Materials and Methods

Ninety-four patients were divided into two groups. The study group used 100 kVp, and images were reconstructed with 30%, 50%, 70%, and 90% ASIR. The control group used 120 kVp, and images were reconstructed with 30% ASIR. The noise index was 15 for the study group and 11 for the control group. The CT values and noise levels of different tissues were measured. The contrast to noise ratio (CNR) was calculated. A subjective evaluation was carried out by two experienced radiologists. The CT dose index volume (CTDIvol) was recorded.

Results

A 44.7% reduction in CTDIvol was observed in the study group (8.18 ± 3.58 mGy) compared with that in the control group (14.78 ± 6.15 mGy). No significant differences were observed in the tissue noise levels and CNR values between the 70% ASIR group and the control group (p = 0.068-1.000). The subjective scores indicated that visibility of small structures, diagnostic confidence, and the overall image quality score in the 70% ASIR group was the best, and were similar to those in the control group (1.87 vs. 1.79, 1.26 vs. 1.28, and 4.53 vs. 4.57; p = 0.122-0.585). No significant difference in diagnostic accuracy was detected between the study group and the control group (42/47 vs. 43/47, p = 1.000).

Conclusion

Low tube-voltage combined with automatic tube current modulation and 70% ASIR allowed the low CT radiation dose to be reduced by 44.7% without losing image quality on female pelvic scan.

INTRODUCTION

The growing application of computed tomography (CT) in clinical practice has raised concerns about the increasing incidence of cancer from radiation exposure. Therefore, how to reduce the radiation dose without compromising diagnostic imaging quality has received a great deal of attention (1234). Low dose CT scans have been mainly used for chest organs, which exhibit high physical contrast. Radiation dose is directly proportional to the square of the tube voltage (5); therefore, decreasing tube voltage more effectively reduces the radiation dose but inevitably increases the noise level. Thus, the innate limitation of the traditional filtered back projection (FBP) reconstruction algorithm hinders further reducing the radiation dose. Low tube-voltage scanning (67) has been used increasingly in clinical practice with the merging of iterative reconstruction techniques and automatic tube current modulation technology. The iterative image reconstruction algorithm significantly reduces noise (8910111213) and improves image quality.
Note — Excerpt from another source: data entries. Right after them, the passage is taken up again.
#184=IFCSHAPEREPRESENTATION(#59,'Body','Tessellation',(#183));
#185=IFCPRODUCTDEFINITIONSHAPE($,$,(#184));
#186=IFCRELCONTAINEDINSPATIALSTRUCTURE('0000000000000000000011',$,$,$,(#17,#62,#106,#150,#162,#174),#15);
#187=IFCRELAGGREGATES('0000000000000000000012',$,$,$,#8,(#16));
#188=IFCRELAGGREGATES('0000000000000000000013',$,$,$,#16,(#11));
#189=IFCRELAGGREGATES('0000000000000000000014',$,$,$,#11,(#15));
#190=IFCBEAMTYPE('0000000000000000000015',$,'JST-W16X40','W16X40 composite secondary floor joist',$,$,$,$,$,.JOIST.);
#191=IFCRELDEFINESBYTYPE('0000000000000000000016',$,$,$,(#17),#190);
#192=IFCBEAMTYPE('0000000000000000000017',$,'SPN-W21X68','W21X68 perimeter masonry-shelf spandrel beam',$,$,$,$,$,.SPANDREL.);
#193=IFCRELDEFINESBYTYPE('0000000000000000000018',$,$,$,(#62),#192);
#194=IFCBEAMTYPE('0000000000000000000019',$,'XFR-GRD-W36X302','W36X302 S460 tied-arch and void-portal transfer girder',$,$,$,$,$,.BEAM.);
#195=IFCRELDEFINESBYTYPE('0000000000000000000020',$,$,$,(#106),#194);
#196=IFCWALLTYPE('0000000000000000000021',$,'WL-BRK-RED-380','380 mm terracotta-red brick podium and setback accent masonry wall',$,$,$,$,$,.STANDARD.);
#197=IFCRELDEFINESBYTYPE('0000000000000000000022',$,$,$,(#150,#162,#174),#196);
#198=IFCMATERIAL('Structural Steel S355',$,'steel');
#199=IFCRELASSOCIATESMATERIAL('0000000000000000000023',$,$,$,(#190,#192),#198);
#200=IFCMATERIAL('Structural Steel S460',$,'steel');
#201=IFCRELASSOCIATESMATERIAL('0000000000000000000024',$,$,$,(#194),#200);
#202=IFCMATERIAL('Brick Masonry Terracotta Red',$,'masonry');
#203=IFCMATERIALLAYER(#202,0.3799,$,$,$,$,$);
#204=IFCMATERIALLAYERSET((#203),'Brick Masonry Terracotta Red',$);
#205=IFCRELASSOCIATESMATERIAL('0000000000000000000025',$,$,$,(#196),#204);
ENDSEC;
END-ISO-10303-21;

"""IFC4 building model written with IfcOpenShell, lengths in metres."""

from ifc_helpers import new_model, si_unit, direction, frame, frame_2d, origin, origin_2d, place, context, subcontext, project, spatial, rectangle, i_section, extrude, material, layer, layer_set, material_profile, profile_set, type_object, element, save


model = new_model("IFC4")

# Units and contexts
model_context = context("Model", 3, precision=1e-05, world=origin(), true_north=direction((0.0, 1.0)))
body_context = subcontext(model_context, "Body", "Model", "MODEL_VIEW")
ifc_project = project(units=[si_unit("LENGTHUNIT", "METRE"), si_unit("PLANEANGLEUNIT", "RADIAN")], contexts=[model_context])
Abdominal and pelvic CT scans used to diagnose and treat diseases often require contrast enhancement using large range and multi-phase scans, which increase the radiation dose. Moreover, the female pelvic area contains reproductive organs that are particularly sensitive to radiation. Therefore, reducing the scan dose is particularly desirable. Most low-dose studies have focused on the abdominal area (7111415), and only a few studies have investigated the lower abdominal and pelvic areas. In this study, we used a lower tube-voltage pelvic scan combined with automatic tube current modulation and iterative reconstruction to explore the feasibility of a low-dose scan protocol to achieve acceptable diagnostic image quality on female pelvic scans.

MATERIALS AND METHODS

Patient Information

A total of 101 patients who underwent contrast-enhanced gynecological abdominal/pelvic CT scan in outpatient and inpatient centers from February 2014 to August 2014 were recruited. These patients were Chinese-Han ethnicity from different domestic areas. Twenty-eight patients underwent hysterectomy and oophorectomy due to benign or malignant tumors; 19 patients were diagnosed with endometrial lesions; 28 patients were diagnosed with cervical lesions; 22 patients were diagnosed with adnexal tumors, and the other four patients were diagnosed with uterine malformations (two cases) and abdominal pain (two cases). The patients were 20-78 years old and were divided randomly into study and control groups according to evaluation date. Patients seen on the first day were designated the study group and patients seen the following day were designated as the control group. The group designation was alternated each day thereafter. All enrolled patients were adults, conscious, able to understand instructions, had no serious liver or kidney damage, and were not allergic to the contrast agent. Exclusion criteria included patients with a history of allergies, kidney dysfunction, and those < 18 years old. Five patients were excluded due to renal dysfunction or allergy to the contrast agent and two patients were excluded due to contrast extravasation during the injection process. Ninety-four cases were finally included in this study (n = 47/group). Height, weight, and body mass index (BMI) were recorded for both groups. All patients signed informed consent before enrollment in this study. This study was approved by the hospital ethics committee.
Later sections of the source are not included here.